Thanks - are all outboard jets like this - or just the Yamahas?


----------



## lowe1648 (Sep 15, 2013)

What year Yamaha do you have? I lock mine while trailering and backing off the trailer or beach but it's unlocked anytime I'm on plane.


----------



## Captain Ahab (Sep 15, 2013)

[url=https://www.tinboats.net/forum/viewtopic.php?p=329340#p329340 said:


> lowe1648 » Sun Sep 15, 2013 2:58 pm[/url]"]What year Yamaha do you have? I lock mine while trailering and backing off the trailer or beach but it's unlocked anytime I'm on plane.




It is a 1993 with remote steer


----------



## semojetman (Sep 15, 2013)

On a few older jets ive played with, they wouldnt lock down and it wasnt too much if a problem.
Reverse was the only time it kicked up.

P.s. my new mercury has awesome reverse.
If the back of the boat wasnt flat i think it would get on plane. Lol


----------



## Ranchero50 (Sep 17, 2013)

Rocks are very hard on locked down jets. A couple years ago there was a pic on the net of an OB'jet hanging onto the transom by the cables...


----------



## semojetman (Sep 19, 2013)

My powertrim acts kindve like a lock down, it bounces very little upon impact.

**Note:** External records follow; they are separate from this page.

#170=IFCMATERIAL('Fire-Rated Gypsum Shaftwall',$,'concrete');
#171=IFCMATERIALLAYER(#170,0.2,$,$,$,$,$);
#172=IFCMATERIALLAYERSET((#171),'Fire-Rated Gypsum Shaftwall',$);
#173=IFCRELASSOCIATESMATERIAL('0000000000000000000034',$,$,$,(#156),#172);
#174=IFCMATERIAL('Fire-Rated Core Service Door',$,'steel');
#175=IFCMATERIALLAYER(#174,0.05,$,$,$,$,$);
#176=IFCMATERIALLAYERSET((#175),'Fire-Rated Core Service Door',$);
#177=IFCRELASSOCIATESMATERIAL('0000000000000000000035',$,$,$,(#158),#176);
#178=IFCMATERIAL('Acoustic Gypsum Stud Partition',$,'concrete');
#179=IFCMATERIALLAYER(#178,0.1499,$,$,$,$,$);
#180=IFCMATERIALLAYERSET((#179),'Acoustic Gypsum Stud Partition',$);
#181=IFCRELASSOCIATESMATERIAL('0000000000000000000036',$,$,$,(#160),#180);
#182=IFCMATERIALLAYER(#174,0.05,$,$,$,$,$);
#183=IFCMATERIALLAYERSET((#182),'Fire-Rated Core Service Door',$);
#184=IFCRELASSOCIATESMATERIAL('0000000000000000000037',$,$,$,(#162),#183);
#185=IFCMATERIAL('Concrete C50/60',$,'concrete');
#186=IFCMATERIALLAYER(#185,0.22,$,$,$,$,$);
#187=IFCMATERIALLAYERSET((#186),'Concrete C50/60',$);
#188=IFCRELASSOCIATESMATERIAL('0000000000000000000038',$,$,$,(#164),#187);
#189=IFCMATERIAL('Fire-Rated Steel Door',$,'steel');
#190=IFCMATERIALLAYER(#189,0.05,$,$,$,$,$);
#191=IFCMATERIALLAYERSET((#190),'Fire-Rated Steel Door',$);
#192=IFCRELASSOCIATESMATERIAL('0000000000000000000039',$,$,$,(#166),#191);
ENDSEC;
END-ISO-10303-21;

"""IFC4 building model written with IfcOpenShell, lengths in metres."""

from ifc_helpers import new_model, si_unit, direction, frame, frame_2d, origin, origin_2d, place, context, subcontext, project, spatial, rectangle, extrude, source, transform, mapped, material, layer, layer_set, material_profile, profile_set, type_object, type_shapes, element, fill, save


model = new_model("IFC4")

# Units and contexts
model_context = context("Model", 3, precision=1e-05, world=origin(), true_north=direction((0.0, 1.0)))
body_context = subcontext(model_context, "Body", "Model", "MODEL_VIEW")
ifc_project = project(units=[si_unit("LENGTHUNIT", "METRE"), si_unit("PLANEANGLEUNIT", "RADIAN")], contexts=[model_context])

Sometimes it would be nice to bounce up.


----------



## Canoeman (Sep 19, 2013)

[url=https://www.tinboats.net/forum/viewtopic.php?p=329847#p329847 said:


> semojetman » Today, 17:57[/url]"]My powertrim acts kindve like a lock down, it bounces very little upon impact.
> 
> Sometimes it would be nice to bounce up.



Agreed...


----------



## Bobsbaits (Sep 19, 2013)

I was prefishing for a tournament one Friday and my trim quit working. Electrical problem that was giving me issues. I couldn't get the jet low enough to run so I limped back to the dock, loosened the outboard and took the trim unit off. The next day I was fishing the tournament and hit a rock so hard the motor flipped up into the boat. I flipped the motor back into the water, started and off I went. I'm thinking I don't want to get the trim fixed or my outboard would be hanging from the cable or the transom off the back of the boat.


----------



## semojetman (Sep 19, 2013)

I couldnt survive without my trim.


----------